[3/4] libstdc++: More efficient is_leap.

Message ID CAOfgUPj1UwwKs5HjjFW3T=F2+ubzs5AhQPkEyfZoY2s_qh=mBQ@mail.gmail.com
State New
Headers show
Series
  • [1/4] libstdc++: More efficient date from days.
Related show

Commit Message

Kewen.Lin via Gcc-patches Feb. 23, 2021, 1:25 p.m.
This patch reimplements std::chrono::year::is_leap().  Leap year check is
ubiquitously implemented (including here) as:

    y % 4 == 0 && (y % 100 != 0 || y % 400 == 0).

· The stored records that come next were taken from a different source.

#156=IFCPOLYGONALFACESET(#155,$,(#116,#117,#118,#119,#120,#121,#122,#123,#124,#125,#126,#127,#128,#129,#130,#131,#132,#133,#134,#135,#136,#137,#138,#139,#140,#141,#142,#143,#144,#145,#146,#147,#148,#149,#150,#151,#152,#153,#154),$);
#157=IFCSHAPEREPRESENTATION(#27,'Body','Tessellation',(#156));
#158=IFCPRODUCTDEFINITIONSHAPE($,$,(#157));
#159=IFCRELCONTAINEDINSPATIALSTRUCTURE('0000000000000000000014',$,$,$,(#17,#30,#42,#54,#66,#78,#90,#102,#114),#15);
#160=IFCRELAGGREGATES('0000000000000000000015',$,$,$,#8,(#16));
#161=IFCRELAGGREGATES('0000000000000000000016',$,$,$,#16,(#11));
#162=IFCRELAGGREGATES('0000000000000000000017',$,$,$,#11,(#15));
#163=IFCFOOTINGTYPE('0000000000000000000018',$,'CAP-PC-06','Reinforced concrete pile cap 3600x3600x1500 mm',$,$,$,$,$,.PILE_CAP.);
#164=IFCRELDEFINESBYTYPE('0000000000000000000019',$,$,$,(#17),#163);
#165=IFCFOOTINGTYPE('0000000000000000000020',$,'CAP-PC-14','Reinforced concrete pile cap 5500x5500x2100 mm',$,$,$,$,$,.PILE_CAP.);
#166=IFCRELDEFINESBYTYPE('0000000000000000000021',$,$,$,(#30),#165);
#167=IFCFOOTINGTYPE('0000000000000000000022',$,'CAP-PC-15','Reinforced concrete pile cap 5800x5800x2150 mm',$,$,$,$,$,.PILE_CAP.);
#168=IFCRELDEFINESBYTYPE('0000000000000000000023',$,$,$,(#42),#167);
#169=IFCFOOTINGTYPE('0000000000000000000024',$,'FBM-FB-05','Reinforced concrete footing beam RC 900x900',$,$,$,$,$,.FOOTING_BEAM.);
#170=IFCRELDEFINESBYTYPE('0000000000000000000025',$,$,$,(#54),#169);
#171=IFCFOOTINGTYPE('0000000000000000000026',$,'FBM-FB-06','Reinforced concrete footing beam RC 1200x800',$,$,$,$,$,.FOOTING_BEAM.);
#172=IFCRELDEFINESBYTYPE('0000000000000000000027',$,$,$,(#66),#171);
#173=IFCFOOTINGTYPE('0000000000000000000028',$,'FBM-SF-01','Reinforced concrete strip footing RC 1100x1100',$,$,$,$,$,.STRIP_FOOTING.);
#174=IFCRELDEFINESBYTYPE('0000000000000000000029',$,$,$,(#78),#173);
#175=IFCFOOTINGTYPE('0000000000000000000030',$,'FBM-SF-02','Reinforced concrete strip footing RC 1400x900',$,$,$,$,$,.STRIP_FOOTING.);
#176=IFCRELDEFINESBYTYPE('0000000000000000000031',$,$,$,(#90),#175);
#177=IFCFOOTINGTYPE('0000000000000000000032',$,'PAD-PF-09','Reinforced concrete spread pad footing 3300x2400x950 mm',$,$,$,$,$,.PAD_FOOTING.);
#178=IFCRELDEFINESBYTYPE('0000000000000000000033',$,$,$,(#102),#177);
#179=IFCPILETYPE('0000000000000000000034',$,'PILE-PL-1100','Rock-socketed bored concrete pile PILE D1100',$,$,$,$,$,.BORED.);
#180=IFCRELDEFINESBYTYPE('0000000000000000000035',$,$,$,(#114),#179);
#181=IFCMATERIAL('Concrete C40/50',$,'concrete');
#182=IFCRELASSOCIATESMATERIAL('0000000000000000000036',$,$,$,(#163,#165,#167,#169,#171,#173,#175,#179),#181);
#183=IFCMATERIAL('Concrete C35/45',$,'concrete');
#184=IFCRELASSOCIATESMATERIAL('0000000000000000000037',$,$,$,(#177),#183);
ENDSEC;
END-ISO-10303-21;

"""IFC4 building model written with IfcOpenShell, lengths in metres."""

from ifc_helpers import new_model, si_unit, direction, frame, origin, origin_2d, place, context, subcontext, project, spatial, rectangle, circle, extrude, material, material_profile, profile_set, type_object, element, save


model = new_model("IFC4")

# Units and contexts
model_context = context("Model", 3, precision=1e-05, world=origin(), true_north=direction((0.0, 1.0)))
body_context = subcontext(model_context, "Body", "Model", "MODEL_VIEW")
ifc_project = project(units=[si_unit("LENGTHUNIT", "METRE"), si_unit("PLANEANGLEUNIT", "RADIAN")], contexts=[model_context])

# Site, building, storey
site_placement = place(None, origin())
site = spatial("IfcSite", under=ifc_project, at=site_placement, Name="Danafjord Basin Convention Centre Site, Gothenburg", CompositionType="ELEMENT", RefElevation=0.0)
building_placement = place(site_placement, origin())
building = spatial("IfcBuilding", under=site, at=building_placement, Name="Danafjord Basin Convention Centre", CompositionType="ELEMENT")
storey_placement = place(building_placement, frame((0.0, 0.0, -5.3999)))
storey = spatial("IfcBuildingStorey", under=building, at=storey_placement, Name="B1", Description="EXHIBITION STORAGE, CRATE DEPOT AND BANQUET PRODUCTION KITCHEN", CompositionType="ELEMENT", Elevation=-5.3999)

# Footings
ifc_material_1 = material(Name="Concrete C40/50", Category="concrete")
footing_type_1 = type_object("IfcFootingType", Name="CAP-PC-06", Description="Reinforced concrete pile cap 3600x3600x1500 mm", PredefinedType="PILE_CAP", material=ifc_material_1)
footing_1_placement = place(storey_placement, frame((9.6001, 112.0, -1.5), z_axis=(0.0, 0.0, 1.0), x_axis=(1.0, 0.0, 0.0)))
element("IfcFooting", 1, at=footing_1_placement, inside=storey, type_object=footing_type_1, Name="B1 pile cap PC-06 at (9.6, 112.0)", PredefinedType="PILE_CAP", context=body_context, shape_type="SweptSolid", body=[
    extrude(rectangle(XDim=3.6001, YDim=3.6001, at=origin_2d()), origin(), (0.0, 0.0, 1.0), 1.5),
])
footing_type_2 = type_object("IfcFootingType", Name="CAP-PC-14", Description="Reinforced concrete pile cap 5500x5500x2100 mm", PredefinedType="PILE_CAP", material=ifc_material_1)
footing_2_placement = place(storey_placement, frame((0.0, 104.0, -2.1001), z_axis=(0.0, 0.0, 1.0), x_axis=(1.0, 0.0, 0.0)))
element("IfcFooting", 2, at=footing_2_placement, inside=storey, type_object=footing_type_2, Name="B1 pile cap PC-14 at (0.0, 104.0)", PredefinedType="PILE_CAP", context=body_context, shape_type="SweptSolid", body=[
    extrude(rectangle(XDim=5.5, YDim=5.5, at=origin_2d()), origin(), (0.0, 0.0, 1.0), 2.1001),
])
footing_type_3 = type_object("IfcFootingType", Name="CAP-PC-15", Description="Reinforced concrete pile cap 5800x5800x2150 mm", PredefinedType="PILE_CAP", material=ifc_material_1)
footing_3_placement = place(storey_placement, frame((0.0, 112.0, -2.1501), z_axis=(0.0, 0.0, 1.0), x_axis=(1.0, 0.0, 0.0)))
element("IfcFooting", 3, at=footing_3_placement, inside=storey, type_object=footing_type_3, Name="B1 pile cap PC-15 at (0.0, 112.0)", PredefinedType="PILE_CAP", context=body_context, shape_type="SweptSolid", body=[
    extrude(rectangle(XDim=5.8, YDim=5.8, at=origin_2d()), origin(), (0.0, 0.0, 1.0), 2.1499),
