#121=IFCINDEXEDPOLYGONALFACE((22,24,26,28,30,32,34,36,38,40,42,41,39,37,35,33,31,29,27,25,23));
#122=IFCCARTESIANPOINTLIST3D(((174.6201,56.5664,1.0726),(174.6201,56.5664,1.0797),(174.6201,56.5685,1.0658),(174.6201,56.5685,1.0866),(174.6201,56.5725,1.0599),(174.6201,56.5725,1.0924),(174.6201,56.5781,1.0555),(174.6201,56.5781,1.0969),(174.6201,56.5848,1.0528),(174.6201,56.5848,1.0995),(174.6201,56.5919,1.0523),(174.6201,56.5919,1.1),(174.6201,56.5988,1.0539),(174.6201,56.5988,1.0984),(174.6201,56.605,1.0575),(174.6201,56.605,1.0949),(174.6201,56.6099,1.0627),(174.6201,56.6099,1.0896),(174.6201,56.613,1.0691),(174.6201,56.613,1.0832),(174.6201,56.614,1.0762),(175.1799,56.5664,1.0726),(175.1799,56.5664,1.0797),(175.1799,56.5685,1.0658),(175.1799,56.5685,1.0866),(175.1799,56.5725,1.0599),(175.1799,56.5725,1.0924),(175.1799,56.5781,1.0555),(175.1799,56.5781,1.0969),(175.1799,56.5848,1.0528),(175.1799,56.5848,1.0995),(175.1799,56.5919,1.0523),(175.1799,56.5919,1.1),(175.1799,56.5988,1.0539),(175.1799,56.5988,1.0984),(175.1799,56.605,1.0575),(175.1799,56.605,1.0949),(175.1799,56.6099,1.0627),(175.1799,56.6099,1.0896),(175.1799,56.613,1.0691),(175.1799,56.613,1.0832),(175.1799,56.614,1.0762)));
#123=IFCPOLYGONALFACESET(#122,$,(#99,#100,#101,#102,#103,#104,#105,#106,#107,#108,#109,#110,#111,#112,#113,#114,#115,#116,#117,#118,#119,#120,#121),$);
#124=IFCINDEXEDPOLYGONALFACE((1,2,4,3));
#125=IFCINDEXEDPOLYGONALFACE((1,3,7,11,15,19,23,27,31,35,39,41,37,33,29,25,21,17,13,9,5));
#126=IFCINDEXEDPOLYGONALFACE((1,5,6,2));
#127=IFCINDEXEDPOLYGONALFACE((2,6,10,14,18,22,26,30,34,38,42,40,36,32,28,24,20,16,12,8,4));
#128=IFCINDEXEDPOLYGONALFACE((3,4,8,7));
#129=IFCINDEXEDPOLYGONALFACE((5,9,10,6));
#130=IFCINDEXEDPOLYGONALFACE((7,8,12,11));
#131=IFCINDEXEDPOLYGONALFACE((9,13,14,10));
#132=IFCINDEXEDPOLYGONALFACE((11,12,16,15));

The rationale being that testing divisibility by 4 first implies an earlier
return for 75% of the cases, therefore, avoiding the needless calculations of
y % 100 and y % 400. Although this fact is true, it does not take into account
the cost of branching.  This patch, instead, tests divisibility by 100 first:

    (y % 100 != 0 || y % 400 == 0) && y % 4 == 0.

It is certainly counterintuitive that this could be more efficient since among
the three divisibility tests (4, 100 and 400) the one by 100 is the only one
that can never provide a definitive answer and a second divisibility test (by 4
or 400) is always required. However, measurements [1] in x86_64 suggest this is
3x more efficient!  A possible explanation is that checking divisibility by 100
first implies a split in the execution path with probabilities of (1%, 99%)
rather than (25%, 75%) when divisibility by 4 is checked first.  This decreases
the entropy of the branching distribution which seems to help prediction.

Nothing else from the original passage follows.